Methods and results: Adult echocardiography studies, conducted at the Mayo Clinic from 1 January 2017 to 31 December 2017, were categorized into two groups: development (all Mayo locations except Arizona) and Arizona validation sets. We adapted open-source LLMs (Llama-2, MedAlpaca, Zephyr, and Flan-T5) using In-Context Learning and Quantized Low-Rank Adaptation fine-tuning (FT) for echo report summarization from 'Findings' to 'Impressions.' Against cardiologist-generated Impressions, the models' performance was assessed both quantitatively with automatic metrics and qualitatively by cardiologists. The development dataset included 97 506 reports from 71 717 unique patients, predominantly male (55.4%), with an average age of 64.3 ± 15.8 years. EchoGPT, a fine-tuned Llama-2 model, outperformed other models with win rates ranging from 87% to 99% in various automatic metrics, and produced reports comparable to cardiologists in qualitative review (significantly preferred in conciseness (P < 0.001), with no significant preference in completeness, correctness, and clinical utility).

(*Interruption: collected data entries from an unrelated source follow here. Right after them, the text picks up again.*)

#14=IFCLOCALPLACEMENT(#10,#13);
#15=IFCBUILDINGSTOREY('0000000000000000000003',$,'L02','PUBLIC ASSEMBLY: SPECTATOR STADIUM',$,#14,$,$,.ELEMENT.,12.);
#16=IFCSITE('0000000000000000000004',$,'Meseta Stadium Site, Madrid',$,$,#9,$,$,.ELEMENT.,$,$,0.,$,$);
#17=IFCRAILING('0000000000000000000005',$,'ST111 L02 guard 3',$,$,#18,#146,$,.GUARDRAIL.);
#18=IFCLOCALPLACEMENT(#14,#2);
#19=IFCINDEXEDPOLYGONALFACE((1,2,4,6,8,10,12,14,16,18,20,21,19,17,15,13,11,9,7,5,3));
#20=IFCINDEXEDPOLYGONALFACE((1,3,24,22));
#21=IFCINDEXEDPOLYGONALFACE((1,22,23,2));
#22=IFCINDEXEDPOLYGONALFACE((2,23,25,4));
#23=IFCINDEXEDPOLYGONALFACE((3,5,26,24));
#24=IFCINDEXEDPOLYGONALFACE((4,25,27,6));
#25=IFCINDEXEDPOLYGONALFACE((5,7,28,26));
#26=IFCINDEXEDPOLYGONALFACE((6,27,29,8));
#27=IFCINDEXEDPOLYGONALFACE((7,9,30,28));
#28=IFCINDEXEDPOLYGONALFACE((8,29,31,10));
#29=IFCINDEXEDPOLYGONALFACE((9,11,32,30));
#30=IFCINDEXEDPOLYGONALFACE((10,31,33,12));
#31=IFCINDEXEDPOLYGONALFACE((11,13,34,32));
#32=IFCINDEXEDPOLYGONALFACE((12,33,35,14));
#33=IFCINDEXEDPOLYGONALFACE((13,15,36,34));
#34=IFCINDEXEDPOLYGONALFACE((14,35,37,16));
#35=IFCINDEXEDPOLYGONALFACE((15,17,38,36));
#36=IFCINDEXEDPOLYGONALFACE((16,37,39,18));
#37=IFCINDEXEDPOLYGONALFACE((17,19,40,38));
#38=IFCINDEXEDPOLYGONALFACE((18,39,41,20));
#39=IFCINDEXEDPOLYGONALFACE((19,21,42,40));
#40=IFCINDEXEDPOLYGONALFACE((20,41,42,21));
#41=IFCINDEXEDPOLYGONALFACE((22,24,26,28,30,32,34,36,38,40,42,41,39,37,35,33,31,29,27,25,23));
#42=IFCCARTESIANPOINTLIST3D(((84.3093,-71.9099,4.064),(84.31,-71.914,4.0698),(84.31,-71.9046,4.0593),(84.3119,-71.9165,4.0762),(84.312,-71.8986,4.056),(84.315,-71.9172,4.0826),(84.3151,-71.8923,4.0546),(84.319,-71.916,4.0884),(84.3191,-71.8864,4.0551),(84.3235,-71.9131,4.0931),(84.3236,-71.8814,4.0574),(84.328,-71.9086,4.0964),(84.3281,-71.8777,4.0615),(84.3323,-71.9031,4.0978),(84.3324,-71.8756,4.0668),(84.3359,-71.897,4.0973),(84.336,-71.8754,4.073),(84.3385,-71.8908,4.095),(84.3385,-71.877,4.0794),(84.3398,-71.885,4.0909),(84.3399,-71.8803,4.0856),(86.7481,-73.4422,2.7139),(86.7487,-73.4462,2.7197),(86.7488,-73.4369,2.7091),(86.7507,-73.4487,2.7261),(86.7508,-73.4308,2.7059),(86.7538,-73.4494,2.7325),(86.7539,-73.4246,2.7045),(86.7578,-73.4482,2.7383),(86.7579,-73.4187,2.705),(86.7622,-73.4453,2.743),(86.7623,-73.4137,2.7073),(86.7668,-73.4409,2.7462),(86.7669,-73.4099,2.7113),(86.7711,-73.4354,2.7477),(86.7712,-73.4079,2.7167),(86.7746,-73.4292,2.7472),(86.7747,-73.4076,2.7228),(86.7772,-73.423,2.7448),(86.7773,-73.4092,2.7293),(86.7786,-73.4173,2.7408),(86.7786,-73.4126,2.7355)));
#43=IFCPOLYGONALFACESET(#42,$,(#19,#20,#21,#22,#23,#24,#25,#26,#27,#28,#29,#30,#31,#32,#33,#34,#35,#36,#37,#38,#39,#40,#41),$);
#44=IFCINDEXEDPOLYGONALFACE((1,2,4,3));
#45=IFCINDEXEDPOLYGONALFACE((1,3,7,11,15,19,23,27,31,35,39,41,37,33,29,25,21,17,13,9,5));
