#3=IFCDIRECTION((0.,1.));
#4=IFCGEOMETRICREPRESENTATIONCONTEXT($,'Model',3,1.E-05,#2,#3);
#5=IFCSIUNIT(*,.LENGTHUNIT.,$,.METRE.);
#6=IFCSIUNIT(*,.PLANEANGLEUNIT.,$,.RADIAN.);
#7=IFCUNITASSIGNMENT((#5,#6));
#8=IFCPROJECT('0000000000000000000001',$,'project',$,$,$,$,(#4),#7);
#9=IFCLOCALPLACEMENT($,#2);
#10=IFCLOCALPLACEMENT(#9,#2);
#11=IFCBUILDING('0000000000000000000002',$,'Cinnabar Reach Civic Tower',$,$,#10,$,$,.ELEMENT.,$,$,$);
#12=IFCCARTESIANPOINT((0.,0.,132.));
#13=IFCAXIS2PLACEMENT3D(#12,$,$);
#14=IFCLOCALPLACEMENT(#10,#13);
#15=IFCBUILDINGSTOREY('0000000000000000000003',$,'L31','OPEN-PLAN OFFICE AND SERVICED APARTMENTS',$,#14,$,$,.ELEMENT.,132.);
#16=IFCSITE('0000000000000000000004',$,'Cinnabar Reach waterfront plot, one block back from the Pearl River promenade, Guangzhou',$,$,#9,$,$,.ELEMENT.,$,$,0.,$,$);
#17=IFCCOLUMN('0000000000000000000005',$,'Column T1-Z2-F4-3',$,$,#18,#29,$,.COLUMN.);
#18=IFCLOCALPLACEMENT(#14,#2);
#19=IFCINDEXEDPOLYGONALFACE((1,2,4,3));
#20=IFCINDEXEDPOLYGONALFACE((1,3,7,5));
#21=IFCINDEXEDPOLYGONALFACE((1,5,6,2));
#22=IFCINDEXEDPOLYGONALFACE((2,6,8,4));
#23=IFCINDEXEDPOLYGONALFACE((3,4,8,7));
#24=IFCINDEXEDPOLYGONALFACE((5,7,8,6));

Correlations between automatic and human metrics were fair to modest, with the best being RadGraph F1 scores vs. clinical utility (r = 0.42) and automatic metrics showed insensitivity (0-5% drop) to changes in measurement numbers.
Conclusion: EchoGPT can generate draft reports for human review and approval, helping to streamline the workflow. However, scalable evaluation approaches dedicated to echo reports remains necessary.